In a very early post (Don't Ask Me, 2009) I wrote:
I have always liked the idea that the Buddha regarded certain questions as unanswerable: the so-called "Undetermined Questions." That is, when asked these particular questions, he simply said ... nothing. Depending on which tradition you listen to, there are either fourteen or ten such questions, but to a hyper-logical Western mind there seem at root really only to be four questions, which have been expanded -- in what seems like an anticipation of the user-satisfaction questionnaire -- by the addition of supplementaries, so that "Is the world finite? Or not? Or both? Or neither?" counts as four questions. If you added "At weekends?" I suppose there'd be five.
But the core questions are:
Is the world eternal?
Is the world finite?
Is the self identical with the body?
Does an enlightened being exist after death?
All good questions, but you can see why the Buddha might choose to stare meaningfully into the distance at that point. In many ways, this is a more helpful response than the wheel-spinning scholasticism of the Christian church grappling with such questions, or the linguistic nit-picking of philosophers in later centuries. It's not quite "Don't know, don't care" but you can imagine a certain amount of serene finger-tapping going on whenever those questions came up.
Now, I'm no scholar (I'm also not a Buddhist), so it has taken me 16 years finally to come across The Parable of the Poisoned Arrow.
It seems a certain monk, Malunkyaputta, found this silence deeply annoying. You can imagine him lying awake at night, fuming: Why doesn't he just answer the fucking questions? He either knows the answers, or this is all a con-job, and he's not the Buddha, just a very naughty boy! I know I shouldn't, but tomorrow I'm going to insist that he gives me some answers, or I'm outta here! So, stepping up as a convenient straight man for another Great Teaching, he did.
Siddhartha "Buddha" Gautama's answer goes on a bit – time was not a pressing matter in the serene days before mobile phones or even clocks and watches – and in its descent into ever finer detail you can detect a certain sarcasm, I think. You can read the whole thing here on Wikipedia, in what I trust is an accurate translation. But, essentially, what he is saying is: Hey, you! You've been shot with a poisoned arrow! Do you really want to know all this irrelevant stuff – the name, rank, and number of the guy who shot it, blah blah blah, all the way down to the brand of bowstring he uses – or do you want me to pull the damn thing out and treat the wound? Your choice! Die of pointless time-consuming curiosity, or be saved. Time is running out, idiot!

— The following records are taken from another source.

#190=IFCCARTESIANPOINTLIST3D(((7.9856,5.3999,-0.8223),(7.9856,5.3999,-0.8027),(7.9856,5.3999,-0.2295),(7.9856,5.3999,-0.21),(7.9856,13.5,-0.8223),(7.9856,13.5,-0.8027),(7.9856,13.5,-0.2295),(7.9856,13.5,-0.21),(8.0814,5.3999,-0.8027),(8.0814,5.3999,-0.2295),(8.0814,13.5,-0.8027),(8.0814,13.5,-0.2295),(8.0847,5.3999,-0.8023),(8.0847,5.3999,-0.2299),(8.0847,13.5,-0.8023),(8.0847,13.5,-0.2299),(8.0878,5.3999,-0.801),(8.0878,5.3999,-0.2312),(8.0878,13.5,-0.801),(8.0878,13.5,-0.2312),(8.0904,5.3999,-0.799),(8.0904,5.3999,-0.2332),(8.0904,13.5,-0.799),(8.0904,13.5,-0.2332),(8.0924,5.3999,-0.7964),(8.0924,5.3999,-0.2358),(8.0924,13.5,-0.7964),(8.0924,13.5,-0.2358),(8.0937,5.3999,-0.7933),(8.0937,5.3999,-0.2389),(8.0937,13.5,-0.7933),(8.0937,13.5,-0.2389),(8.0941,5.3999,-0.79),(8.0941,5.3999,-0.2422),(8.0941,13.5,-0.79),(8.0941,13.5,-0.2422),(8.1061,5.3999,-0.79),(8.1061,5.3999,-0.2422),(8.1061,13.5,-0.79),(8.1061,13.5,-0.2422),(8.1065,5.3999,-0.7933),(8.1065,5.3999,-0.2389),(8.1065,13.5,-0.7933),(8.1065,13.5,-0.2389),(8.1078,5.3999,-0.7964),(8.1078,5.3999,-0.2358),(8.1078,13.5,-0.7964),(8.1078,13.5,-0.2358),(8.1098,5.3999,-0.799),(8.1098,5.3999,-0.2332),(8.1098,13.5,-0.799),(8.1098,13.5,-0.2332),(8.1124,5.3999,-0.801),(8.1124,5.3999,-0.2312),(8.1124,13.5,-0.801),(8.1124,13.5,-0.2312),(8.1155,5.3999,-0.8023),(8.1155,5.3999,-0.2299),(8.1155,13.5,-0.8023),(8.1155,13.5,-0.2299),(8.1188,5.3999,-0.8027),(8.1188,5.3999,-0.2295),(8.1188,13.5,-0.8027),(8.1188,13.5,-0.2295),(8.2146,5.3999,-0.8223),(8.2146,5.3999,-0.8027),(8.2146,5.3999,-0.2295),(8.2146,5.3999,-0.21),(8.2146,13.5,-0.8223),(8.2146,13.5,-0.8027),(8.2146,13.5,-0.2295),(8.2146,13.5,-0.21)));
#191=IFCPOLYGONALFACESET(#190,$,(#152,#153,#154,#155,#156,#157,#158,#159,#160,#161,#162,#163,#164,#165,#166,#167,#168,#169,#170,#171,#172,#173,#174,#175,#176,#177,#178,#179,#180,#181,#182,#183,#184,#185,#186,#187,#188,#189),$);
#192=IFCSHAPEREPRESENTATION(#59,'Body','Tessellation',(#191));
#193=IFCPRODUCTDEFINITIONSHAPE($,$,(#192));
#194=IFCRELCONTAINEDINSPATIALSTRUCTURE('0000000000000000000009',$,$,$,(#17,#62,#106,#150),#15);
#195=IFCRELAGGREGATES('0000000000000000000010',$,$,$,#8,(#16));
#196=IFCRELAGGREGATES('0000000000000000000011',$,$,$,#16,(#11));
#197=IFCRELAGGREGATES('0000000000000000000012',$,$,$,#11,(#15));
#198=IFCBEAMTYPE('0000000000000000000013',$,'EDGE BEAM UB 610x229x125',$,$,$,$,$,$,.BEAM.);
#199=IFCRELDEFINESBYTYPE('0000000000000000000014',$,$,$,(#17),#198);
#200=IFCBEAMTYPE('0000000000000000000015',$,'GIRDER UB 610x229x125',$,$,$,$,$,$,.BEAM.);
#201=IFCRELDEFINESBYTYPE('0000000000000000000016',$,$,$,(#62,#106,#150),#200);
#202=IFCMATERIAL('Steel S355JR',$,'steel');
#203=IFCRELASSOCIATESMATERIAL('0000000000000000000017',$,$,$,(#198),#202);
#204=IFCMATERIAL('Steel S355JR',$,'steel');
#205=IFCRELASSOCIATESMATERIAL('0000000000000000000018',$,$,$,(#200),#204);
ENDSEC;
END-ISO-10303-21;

To repeat what I said in that earlier post: in many ways, this is a more helpful response than the wheel-spinning scholasticism of the Christian church grappling with such questions, or the linguistic and metaphysical nit-picking of philosophers in later centuries. "So, is this "Jumping Jesus!" you cried out to when the arrow hit you of the same substance or of a similar substance to God?" "Can an arrow exist without being perceived in someone's mind (or, in your case, arm)?" Who knows? Who cares? Get this bloody arrow out of me! It hurts! Professionally speaking, you might say this is religion as ER surgery, rather than cloistered theology. And all the better for that, too.
All of which somehow puts me in mind of this beautiful song by K.D. Lang, "Simple", from her album Hymns of the 49th Parallel:
"Love will not elude us: love is simple..." Now there's a New Year's message to take to heart.